In relation to my own amendments, I have spoken at some length both with the AoC and with the department about this issue. As I have suggested, the report, which is going to be presented at the AoC conference later this month, will in fact suggest a wider role for colleges within the community, and I think there is a fair amount of good will towards the promotion of this role. In the light of that, I have decided that it would not be appropriate at this time to press my amendments. There is good will on all parts, and the assumption is that colleges will be promoting the well-being of their local area as part of what they will be doing. There is no question of that, but it does not necessarily need to be in the Bill, so, as I say, I shall not press my amendments today.
My Lords, I thank my noble friend Lady Sharp for raising the issue of promoting well-being, and take the opportunity to thank her formally for the work she is doing at the helm of the Government’s commission on the role of colleges in their communities. As she has just said, colleges contribute significantly to the social and economic well-being of their local areas, not only through the education, skills and employment that they provide but through their partnerships and relationships with other bodies in their local areas. I am grateful to her, and look forward to the report that she was talking about, which she is launching at the Association of Colleges conference later in the month.
I am grateful to the noble Baroness, Lady Jones of Whitchurch, for her remarks. On her specific question about remuneration, I understand that colleges need to apply, as now, for exceptional approval for the remuneration of governors for their services as members of the governing body. The change is that they would be treated in line with other charities, and would have to apply to the Charity Commission rather than to the Secretary of State. There is no general power in charity law for trustee boards to make remuneration payments, so permission would be granted only in exceptional circumstances, as the commission has a general expectation that charity assets should be used directly for the purposes of the charity.

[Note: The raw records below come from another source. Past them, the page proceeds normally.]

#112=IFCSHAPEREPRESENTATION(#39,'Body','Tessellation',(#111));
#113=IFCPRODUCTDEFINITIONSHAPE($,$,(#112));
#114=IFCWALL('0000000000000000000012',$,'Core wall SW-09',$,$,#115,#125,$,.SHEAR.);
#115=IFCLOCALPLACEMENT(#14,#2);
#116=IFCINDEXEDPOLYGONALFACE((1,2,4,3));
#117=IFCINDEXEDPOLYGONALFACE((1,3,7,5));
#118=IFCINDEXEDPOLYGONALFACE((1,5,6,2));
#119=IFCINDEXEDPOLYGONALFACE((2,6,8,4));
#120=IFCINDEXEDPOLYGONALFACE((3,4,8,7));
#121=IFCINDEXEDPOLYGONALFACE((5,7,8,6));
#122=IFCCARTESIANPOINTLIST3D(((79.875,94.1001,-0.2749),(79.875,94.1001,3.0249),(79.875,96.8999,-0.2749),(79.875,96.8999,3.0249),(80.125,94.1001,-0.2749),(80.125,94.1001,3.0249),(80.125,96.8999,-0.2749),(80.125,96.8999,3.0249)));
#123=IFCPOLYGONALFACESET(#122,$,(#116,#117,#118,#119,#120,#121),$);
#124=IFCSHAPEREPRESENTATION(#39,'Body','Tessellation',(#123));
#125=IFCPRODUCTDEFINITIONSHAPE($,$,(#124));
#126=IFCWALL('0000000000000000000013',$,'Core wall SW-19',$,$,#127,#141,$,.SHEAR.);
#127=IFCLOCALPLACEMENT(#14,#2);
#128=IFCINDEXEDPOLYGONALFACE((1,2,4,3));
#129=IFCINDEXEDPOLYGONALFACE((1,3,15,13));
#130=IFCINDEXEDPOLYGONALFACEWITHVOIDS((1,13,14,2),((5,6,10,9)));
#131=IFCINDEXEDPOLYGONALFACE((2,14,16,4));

The amendments that the Government have tabled, as I think has been recognised, have been made within the context of a changed landscape, in which government and the sector are working together. It has been the policy of successive Governments since the inception of FE corporations in 1992 that colleges should not have the financial and control requirements associated with public sector classification. Our amendments seek to strike the right balance between securing that classification while safeguarding students and public investment in the sector. With the assurance that I have given the noble Baroness, Lady Jones of Whitchurch, I hope noble Lords generally will feel that we have struck such a sensible balance.
My Lords, many Afro-Caribbean families feel that their children are not being served well in schools. We all know that and it goes without saying. A lot of parents believe that the opportunity to have a free school is one advantage that will give their children an opportunity to have a fulfilled relationship in the classroom, as the noble Lord, Lord Knight, said. Having a teacher who is perhaps not fully trained is an opportunity to make sure that those young people who need just a bit of understanding and care can feel that the way that they are thinking and feeling is being embraced. Free schools have given them that opportunity, and if the teacher is not qualified—as we have heard from many noble Lords in the House—we will be doing a great service to those young people in our society who feel excluded in many ways.

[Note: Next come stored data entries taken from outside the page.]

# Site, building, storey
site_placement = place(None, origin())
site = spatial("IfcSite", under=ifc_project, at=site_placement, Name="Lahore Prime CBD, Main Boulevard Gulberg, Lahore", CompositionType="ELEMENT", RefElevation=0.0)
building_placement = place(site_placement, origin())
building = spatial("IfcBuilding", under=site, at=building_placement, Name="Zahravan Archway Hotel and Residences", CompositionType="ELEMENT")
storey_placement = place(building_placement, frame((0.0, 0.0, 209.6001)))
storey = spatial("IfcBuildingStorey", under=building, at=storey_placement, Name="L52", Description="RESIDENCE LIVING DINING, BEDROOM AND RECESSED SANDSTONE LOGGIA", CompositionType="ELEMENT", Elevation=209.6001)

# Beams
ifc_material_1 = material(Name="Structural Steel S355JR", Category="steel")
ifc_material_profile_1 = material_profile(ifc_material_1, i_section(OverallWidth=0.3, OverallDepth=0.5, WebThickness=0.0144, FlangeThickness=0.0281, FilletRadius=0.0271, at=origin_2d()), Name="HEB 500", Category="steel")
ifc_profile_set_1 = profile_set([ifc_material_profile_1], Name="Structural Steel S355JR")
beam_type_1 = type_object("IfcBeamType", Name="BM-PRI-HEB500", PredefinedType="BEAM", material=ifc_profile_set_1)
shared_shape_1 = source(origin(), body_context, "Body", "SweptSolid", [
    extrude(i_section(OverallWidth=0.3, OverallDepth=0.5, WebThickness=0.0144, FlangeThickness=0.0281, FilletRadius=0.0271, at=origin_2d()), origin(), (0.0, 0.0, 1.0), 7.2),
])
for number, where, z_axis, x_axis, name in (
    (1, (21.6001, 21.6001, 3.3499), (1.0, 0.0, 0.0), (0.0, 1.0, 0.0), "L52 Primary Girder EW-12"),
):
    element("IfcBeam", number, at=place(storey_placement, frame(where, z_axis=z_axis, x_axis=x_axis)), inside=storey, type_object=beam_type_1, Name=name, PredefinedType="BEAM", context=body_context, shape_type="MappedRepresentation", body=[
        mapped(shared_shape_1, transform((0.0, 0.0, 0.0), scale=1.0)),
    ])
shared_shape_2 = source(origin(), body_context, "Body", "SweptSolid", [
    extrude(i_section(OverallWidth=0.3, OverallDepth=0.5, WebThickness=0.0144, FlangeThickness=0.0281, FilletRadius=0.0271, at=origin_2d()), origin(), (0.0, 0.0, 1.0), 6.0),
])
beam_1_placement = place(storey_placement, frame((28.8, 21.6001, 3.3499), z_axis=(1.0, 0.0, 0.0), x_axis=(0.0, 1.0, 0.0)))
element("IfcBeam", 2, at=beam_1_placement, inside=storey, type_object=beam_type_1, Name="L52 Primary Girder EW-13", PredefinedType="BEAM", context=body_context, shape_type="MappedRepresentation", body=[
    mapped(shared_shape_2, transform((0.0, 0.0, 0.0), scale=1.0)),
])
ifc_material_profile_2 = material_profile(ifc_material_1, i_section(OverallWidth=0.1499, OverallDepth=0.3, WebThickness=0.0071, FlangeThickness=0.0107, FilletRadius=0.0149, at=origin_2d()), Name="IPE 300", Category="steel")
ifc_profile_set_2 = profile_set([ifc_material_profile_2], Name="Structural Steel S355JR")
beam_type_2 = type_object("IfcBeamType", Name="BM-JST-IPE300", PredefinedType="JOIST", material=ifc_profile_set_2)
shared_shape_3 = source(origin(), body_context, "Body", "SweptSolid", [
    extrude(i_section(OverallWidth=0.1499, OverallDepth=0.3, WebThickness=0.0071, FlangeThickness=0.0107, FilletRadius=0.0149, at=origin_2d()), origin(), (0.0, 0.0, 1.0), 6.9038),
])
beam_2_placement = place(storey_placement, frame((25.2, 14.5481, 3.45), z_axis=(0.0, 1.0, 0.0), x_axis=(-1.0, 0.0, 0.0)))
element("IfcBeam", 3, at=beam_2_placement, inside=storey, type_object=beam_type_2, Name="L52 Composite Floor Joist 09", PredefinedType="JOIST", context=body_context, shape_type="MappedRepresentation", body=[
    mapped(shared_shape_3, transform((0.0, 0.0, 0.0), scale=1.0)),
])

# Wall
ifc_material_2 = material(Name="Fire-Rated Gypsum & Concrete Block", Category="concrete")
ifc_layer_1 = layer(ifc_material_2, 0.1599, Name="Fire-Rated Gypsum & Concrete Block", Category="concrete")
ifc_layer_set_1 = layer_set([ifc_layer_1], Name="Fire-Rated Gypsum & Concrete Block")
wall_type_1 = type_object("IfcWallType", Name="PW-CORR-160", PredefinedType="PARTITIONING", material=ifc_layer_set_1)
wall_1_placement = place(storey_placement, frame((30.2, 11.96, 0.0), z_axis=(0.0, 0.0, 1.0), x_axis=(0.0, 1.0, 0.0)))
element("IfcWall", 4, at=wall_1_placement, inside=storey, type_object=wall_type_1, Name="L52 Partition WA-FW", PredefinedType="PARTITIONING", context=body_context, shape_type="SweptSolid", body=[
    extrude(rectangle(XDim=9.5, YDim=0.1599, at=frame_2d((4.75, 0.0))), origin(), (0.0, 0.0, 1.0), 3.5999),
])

My Lords, I agree with the noble Baroness, Lady Morris, that this has been an extremely good and interesting debate, and I am grateful to all noble Lords who have spoken from a range of different perspectives, and for some of the advice that I have received, which is helpful. At issue here is, in some way, a distinction between quality and qualification. There is complete agreement that we want the highest possible quality; the difference of opinion is whether the only way that the highest possible quality can be secured is through a specific qualification. I think I sum the mood up accurately by saying there is a feeling that quality is not defined only by one specific qualification.
It is certainly the case that improving overall teacher quality is very much at the heart of what the Government are trying to achieve through their education reforms. I agree with what all noble Lords and the noble Baroness, Lady Jones of Whitchurch, have said about the importance of teacher professionalism. Across the piece, the Government are introducing a range of reforms to try and raise the status of the profession. We are reforming initial teacher training, trying to ensure that we attract more top graduates, strengthening teachers’ powers and authority in the classroom, and streamlining performance management arrangements.
We think that qualified teacher status has an important part to play in the teaching profession. That is why, in March, we set up a review of teacher standards, led by Sally Coates, to make all teacher standards, including those that underpin QTS, clearer and more focused. The review recommended revised standards that will take effect from September 2012 and raise the bar for entry to the profession.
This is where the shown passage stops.